Jak Cloudentity testuje swoje produkty – zbiór dobrych praktyk: API, Selenium, Docker, proces by Mateusz Ciołek
How does Cloudentity test, collection of practices for by Mateusz Ciołek
I wasn’t at this presentation but I have heard that it was an excellent presentation. Good material and nicely presented.
Headless Browser Testing w kontekście wydajności by Tomasz Klepicki
Headless Browser Testing in performence context by Tomasz Klepicki
I will admit I haven’t read its agenda, so I was expecting some presentation about the usage of browsers to do performance testing. So you can imagine my surprise when it turns out it was actually a great presentation on a performance of the headless browsers.
Tomasz made a great comparison showing the difference between chromium, chrome, firefox and htmlunit in headless mode. Tl;dr Chrome headless was performing the best.
In the next slot, I spent with Michał Slezak he was preparing for his presentation. So we had an about an hour to kill we have a great discussion about automation and performance.
Next was his presentation about BackStopJS – I have seen it before, but I have enjoyed watching it again.
At this point, I decided to leave – I was too tired, my original plan was to stay for after-party, but my body told me no – you need to rest.
So How was my presentation?
I think my presentation at TestCamp was my best performance yet.
Before my talk, I noticed that my friend Kamila aka DragonQA had Touthles blouse, so I stole it and did my presentation in it.
It was fun, but I won’t lie it was soo damn hot in it.

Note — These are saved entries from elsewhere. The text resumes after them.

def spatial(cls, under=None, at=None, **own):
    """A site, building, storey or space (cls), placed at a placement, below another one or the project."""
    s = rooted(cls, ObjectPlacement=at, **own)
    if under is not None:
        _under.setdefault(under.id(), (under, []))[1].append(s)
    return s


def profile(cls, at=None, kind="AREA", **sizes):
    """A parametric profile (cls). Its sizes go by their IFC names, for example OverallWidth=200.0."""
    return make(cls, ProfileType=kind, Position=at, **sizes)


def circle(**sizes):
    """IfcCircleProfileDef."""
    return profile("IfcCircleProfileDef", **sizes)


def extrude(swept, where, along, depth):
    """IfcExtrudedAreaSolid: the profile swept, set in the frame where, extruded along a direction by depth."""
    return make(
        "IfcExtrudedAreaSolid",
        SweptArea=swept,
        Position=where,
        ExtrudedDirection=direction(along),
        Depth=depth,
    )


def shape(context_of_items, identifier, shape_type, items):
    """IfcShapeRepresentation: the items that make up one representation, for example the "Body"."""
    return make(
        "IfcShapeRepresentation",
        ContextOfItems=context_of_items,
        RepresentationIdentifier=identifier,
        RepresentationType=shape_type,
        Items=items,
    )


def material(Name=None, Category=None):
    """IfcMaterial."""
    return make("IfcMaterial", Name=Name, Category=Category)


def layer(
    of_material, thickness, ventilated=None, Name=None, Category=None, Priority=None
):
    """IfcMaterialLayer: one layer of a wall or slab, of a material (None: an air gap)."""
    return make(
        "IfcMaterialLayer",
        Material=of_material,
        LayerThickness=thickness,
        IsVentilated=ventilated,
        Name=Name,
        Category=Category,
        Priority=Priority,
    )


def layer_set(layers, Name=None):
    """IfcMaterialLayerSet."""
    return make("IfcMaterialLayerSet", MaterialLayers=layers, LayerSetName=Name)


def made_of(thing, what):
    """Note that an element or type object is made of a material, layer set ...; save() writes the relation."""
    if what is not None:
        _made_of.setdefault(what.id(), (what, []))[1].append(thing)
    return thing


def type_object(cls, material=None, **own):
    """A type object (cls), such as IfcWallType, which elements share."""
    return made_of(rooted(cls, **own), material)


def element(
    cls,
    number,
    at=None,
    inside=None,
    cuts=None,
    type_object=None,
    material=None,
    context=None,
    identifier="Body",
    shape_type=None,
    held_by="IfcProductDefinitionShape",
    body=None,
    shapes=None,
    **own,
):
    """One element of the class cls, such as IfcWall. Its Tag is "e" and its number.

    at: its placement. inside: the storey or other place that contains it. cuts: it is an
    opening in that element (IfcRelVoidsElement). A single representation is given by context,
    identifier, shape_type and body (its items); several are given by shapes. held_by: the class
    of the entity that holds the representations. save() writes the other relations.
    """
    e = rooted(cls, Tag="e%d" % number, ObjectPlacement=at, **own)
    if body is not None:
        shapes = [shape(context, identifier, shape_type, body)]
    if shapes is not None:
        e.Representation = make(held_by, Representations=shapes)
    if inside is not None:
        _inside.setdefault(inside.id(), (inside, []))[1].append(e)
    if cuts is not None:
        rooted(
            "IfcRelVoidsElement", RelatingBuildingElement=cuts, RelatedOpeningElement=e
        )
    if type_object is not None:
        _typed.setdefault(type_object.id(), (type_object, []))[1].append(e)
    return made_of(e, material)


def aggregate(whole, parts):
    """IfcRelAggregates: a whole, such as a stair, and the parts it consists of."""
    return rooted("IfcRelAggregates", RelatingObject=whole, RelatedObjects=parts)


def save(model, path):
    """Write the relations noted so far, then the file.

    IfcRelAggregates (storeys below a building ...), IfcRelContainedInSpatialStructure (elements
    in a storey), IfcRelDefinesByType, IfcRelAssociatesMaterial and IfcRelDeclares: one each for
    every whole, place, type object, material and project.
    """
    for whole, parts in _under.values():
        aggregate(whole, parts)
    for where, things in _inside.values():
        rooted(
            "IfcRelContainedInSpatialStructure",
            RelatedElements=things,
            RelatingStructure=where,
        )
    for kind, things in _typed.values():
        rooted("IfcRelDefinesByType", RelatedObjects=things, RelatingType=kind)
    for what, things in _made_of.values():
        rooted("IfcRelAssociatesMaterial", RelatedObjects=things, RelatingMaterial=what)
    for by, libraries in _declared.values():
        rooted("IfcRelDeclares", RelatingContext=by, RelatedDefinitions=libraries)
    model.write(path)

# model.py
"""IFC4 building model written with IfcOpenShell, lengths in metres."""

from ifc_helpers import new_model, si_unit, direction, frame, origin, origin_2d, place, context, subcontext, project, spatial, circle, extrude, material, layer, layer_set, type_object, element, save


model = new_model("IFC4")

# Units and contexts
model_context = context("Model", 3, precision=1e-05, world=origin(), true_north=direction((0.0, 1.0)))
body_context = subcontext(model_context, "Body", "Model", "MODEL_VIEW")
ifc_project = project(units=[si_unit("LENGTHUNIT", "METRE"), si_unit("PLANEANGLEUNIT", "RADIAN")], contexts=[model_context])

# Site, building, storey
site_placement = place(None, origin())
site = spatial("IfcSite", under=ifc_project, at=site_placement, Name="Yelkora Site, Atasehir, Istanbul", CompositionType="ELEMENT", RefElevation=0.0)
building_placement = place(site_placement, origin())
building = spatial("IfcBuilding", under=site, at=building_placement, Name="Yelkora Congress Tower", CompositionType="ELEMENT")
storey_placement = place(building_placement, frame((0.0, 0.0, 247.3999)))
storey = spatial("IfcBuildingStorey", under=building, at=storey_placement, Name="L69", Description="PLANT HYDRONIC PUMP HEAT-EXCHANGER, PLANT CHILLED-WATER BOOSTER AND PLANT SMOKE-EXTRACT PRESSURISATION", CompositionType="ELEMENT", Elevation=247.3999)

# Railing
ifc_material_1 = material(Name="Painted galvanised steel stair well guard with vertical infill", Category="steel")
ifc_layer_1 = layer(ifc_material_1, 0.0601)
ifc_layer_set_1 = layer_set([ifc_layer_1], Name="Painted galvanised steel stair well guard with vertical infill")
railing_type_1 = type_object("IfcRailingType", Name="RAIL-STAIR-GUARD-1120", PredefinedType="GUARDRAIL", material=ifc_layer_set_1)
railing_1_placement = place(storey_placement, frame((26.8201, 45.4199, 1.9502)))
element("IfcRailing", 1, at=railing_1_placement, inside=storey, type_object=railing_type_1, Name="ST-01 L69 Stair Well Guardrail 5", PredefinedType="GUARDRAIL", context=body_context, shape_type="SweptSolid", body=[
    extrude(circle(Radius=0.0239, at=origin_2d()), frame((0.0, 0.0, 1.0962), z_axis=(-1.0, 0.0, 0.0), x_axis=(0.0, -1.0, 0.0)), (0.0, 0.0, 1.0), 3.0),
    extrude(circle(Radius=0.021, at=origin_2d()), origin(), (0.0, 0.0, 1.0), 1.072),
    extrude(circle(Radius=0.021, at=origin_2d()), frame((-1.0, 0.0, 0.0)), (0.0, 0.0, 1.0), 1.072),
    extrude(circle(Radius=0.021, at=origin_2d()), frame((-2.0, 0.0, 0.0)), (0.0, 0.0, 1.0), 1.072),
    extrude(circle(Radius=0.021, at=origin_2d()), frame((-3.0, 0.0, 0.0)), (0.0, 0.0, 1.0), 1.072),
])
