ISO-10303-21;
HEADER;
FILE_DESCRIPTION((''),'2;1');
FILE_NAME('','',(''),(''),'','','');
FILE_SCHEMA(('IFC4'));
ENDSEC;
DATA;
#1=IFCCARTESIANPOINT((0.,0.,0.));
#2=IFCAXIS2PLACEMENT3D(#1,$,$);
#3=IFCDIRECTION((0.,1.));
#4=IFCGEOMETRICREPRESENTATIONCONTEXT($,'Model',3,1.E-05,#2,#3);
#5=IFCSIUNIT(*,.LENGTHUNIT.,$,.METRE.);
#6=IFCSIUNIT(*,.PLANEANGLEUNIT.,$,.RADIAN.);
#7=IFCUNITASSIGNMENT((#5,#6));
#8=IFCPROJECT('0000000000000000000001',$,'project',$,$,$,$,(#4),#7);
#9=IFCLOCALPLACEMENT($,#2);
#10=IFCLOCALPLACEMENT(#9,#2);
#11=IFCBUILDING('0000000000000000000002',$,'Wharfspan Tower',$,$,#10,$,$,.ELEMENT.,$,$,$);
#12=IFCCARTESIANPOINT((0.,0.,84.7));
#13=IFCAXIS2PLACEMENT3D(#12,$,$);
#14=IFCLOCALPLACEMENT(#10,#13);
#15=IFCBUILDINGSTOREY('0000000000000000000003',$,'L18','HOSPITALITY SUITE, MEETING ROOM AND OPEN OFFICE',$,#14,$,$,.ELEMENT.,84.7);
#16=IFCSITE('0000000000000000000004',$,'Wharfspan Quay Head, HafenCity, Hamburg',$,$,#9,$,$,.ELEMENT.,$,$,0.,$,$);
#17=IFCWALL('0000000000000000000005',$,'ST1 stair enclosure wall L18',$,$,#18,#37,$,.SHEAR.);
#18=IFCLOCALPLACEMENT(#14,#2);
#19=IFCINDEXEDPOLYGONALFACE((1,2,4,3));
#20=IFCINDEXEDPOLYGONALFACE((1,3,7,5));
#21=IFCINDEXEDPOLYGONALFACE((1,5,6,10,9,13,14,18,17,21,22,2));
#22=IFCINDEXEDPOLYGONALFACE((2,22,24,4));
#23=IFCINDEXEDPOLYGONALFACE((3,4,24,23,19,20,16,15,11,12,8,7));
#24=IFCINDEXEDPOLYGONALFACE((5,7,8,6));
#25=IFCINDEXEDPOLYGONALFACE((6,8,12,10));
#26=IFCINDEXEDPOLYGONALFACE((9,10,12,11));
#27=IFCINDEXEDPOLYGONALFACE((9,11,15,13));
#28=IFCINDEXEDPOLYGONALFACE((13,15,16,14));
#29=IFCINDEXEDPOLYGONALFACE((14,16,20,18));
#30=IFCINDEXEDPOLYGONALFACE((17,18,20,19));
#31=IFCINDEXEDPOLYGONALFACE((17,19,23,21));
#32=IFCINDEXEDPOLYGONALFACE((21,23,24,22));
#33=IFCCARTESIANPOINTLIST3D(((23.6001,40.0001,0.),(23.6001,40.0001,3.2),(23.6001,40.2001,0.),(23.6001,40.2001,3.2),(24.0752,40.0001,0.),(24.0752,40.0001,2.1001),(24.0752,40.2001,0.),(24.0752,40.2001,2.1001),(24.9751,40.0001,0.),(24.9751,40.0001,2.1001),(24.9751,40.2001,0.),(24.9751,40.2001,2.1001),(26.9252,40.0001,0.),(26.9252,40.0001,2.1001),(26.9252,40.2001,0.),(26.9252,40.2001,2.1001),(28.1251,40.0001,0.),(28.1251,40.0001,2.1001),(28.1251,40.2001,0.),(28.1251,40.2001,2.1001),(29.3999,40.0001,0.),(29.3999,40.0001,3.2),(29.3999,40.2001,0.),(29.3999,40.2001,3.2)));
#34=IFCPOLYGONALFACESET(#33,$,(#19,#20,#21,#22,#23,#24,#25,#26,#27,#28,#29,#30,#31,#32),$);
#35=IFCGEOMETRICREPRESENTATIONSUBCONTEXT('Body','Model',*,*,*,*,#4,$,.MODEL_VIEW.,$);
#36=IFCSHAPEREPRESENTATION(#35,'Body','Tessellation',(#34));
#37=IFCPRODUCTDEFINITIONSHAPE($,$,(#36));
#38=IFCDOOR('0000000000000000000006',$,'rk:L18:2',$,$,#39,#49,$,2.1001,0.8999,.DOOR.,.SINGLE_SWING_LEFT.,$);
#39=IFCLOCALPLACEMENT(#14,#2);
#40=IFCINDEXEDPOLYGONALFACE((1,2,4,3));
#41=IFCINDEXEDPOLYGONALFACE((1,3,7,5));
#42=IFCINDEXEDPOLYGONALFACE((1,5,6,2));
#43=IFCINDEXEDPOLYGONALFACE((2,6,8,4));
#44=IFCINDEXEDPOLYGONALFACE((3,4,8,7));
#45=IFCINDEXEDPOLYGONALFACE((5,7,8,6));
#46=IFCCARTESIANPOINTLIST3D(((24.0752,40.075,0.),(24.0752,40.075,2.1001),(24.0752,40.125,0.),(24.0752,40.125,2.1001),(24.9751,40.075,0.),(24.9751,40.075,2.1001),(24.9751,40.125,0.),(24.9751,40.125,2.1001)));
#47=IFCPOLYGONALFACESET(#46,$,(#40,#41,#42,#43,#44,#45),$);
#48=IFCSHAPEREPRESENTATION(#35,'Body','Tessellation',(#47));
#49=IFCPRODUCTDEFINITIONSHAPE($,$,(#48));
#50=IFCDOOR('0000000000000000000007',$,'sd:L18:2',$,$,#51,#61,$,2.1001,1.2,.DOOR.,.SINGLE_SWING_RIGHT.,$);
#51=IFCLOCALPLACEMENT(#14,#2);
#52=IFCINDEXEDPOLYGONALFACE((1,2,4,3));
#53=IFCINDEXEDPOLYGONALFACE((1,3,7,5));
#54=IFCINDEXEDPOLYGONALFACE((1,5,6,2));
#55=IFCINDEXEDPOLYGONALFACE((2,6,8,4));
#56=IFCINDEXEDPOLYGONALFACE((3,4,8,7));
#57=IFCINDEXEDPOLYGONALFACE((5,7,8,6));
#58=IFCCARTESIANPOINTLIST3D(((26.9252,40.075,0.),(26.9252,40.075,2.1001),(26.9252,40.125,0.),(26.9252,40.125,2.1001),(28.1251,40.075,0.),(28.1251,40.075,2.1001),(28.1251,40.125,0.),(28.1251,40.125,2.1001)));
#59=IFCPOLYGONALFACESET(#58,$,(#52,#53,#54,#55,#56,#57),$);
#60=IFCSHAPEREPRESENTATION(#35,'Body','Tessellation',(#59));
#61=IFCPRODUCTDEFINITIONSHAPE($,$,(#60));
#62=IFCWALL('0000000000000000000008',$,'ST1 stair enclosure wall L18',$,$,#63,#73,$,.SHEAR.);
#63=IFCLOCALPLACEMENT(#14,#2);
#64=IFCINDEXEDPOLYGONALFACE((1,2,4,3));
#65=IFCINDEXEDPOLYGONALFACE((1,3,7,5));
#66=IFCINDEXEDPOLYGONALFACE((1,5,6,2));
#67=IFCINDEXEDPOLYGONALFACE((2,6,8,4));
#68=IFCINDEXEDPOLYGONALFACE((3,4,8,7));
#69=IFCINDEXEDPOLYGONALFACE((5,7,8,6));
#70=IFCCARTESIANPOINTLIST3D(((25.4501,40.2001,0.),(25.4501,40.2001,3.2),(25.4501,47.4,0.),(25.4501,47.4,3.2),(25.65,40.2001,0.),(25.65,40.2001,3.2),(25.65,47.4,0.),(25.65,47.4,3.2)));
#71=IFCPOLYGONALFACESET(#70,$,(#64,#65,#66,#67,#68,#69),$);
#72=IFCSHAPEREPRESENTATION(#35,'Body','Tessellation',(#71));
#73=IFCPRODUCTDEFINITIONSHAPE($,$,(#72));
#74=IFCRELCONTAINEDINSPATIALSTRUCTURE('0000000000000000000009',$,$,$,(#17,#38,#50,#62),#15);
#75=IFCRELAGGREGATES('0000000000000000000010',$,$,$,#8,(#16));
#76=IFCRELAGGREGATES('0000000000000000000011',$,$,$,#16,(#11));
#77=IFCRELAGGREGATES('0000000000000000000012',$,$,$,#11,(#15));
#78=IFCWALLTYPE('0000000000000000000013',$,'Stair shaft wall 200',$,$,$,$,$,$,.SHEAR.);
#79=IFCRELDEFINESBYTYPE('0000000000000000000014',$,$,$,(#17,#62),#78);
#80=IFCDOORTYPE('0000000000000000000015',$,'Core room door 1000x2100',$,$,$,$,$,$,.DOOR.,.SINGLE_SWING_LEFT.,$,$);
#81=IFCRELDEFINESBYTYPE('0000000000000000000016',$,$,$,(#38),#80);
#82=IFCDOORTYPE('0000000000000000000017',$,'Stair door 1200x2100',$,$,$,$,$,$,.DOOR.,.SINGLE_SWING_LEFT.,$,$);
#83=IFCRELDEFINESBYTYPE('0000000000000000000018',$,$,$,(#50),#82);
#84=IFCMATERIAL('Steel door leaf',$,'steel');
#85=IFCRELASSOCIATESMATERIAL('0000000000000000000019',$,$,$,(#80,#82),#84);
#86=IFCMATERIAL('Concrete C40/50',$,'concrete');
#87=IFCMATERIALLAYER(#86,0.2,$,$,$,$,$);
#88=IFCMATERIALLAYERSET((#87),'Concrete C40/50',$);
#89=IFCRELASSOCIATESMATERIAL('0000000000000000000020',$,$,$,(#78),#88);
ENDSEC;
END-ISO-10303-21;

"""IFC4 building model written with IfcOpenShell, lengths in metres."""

from ifc_helpers import new_model, si_unit, direction, frame, frame_2d, origin, place, context, subcontext, project, spatial, rectangle, extrude, material, layer, layer_set, type_object, element, fill, save


model = new_model("IFC4")

# Units and contexts
model_context = context("Model", 3, precision=1e-05, world=origin(), true_north=direction((0.0, 1.0)))
body_context = subcontext(model_context, "Body", "Model", "MODEL_VIEW")
ifc_project = project(units=[si_unit("LENGTHUNIT", "METRE"), si_unit("PLANEANGLEUNIT", "RADIAN")], contexts=[model_context])

# Site, building, storey
site_placement = place(None, origin())
site = spatial("IfcSite", under=ifc_project, at=site_placement, Name="Wharfspan Quay Head, HafenCity, Hamburg", CompositionType="ELEMENT", RefElevation=0.0)
building_placement = place(site_placement, origin())
building = spatial("IfcBuilding", under=site, at=building_placement, Name="Wharfspan Tower", CompositionType="ELEMENT")
storey_placement = place(building_placement, frame((0.0, 0.0, 84.7)))
storey = spatial("IfcBuildingStorey", under=building, at=storey_placement, Name="L18", Description="HOSPITALITY SUITE, MEETING ROOM AND OPEN OFFICE", CompositionType="ELEMENT", Elevation=84.7)

# Shared definitions
ifc_material_1 = material(Name="Steel door leaf", Category="steel")
door_type_1 = type_object("IfcDoorType", Name="Core room door 1000x2100", OperationType="SINGLE_SWING_LEFT", PredefinedType="DOOR", material=ifc_material_1)

# Wall, openings, doors
ifc_material_2 = material(Name="Concrete C40/50", Category="concrete")
ifc_layer_1 = layer(ifc_material_2, 0.2)
ifc_layer_set_1 = layer_set([ifc_layer_1], Name="Concrete C40/50")
wall_type_1 = type_object("IfcWallType", Name="Stair shaft wall 200", PredefinedType="SHEAR", material=ifc_layer_set_1)
wall_1_placement = place(storey_placement, frame((23.6001, 40.1001, 0.0), z_axis=(0.0, 0.0, 1.0), x_axis=(1.0, 0.0, 0.0)))
wall_1 = element("IfcWall", 1, at=wall_1_placement, inside=storey, type_object=wall_type_1, Name="ST1 stair enclosure wall L18", PredefinedType="SHEAR", context=body_context, shape_type="SweptSolid", body=[
    extrude(rectangle(XDim=5.7998, YDim=0.2, at=frame_2d((2.8999, 0.0))), origin(), (0.0, 0.0, 1.0), 3.2),
])
opening_1_placement = place(wall_1_placement, frame((3.325, 0.0, 0.0)))
opening_1 = element("IfcOpeningElement", 2, at=opening_1_placement, cuts=wall_1, PredefinedType="OPENING", context=body_context, shape_type="SweptSolid", body=[
    extrude(rectangle(XDim=1.2, YDim=2.1001, at=frame_2d((0.6001, 1.05))), frame((0.0, 0.1099, 0.0), z_axis=(0.0, -1.0, 0.0), x_axis=(1.0, 0.0, 0.0)), (0.0, 0.0, 1.0), 0.22),
])
opening_2_placement = place(wall_1_placement, frame((0.4751, 0.0, 0.0)))
opening_2 = element("IfcOpeningElement", 3, at=opening_2_placement, cuts=wall_1, PredefinedType="OPENING", context=body_context, shape_type="SweptSolid", body=[
    extrude(rectangle(XDim=0.8999, YDim=2.1001, at=frame_2d((0.45, 1.05))), frame((0.0, 0.1099, 0.0), z_axis=(0.0, -1.0, 0.0), x_axis=(1.0, 0.0, 0.0)), (0.0, 0.0, 1.0), 0.22),
])
door_1_placement = place(opening_2_placement, origin())
door_1 = element("IfcDoor", 4, at=door_1_placement, inside=storey, type_object=door_type_1, Name="rk:L18:2", OperationType="SINGLE_SWING_LEFT", OverallHeight=2.1001, OverallWidth=0.8999, PredefinedType="DOOR", context=body_context, shape_type="SweptSolid", body=[
    extrude(rectangle(XDim=0.8999, YDim=2.1001, at=frame_2d((0.45, 1.05))), frame((0.0, 0.0249, 0.0), z_axis=(0.0, -1.0, 0.0), x_axis=(1.0, 0.0, 0.0)), (0.0, 0.0, 1.0), 0.05),
])
fill(opening_2, door_1)
door_type_2 = type_object("IfcDoorType", Name="Stair door 1200x2100", OperationType="SINGLE_SWING_LEFT", PredefinedType="DOOR", material=ifc_material_1)
door_2_placement = place(opening_1_placement, origin())
door_2 = element("IfcDoor", 5, at=door_2_placement, inside=storey, type_object=door_type_2, Name="sd:L18:2", OperationType="SINGLE_SWING_RIGHT", OverallHeight=2.1001, OverallWidth=1.2, PredefinedType="DOOR", context=body_context, shape_type="SweptSolid", body=[
    extrude(rectangle(XDim=1.2, YDim=2.1001, at=frame_2d((0.6001, 1.05))), frame((0.0, 0.0249, 0.0), z_axis=(0.0, -1.0, 0.0), x_axis=(1.0, 0.0, 0.0)), (0.0, 0.0, 1.0), 0.05),
])
fill(opening_1, door_2)

# Wall
wall_2_placement = place(storey_placement, frame((25.55, 40.2, 0.0), z_axis=(0.0, 0.0, 1.0), x_axis=(0.0, 1.0, 0.0)))
element("IfcWall", 6, at=wall_2_placement, inside=storey, type_object=wall_type_1, Name="ST1 stair enclosure wall L18", PredefinedType="SHEAR", context=body_context, shape_type="SweptSolid", body=[
    extrude(rectangle(XDim=7.2, YDim=0.2, at=frame_2d((3.6001, 0.0))), origin(), (0.0, 0.0, 1.0), 3.2),
])

save(model, "model.ifc")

I had one moment of panic in my presentation – I wanted to show in c# code for FindElement, and by accident, I deleted my bookmarks – I couldn’t show it, and I panicked a little, but I have recovered quite fast.
The thing I am most proud of is the pace – I managed to slow down and finish on time.
The reception of my presentation – at least the ones that were shared with me, were positive.
Kamila gave me good constructive feedback – I will implement it in my next iteration of this talk.
Karolina my other friend who had seen we my talks over the years said that I’d made significant progress as a speaker, and that means a lot to me. Cause personally for a lot of time I feel like I am not moving forward and I am making same mistakes over and over.
I few people told me it was the most technical talk so far.
So to sum it up at first glance TestCamp was a fairly average event, it had some hiccups, but it was first such big event for the organisers, so I still say they managed quite well.
As far for me, the agenda was hit and miss. But it was full of new names, so again kudos for organisers for taking the risk.
I need to reiterate one thing; it was a huge free conference with cheap workshops! (For comparison NoBs conference has workshops for 900 PLN, conference ticket for 500 PLN or 1200 PLN for both.)
This is not an easy fit! I think Test:Fest spoiled us all with putting the quilty bar for conferences very high. To the place that many not only free but also paid conferences cant reach.
But I would recommend something to conference organisers – try to find out some room on some space where people could spend some time to wind down, sit and discuss what they’re seen and learned.
I think it may help with the problem of people leaving early from being too tired.
Huge Thank You to Łukasz Pietrucha and Kamila Polańska for proofreading this article.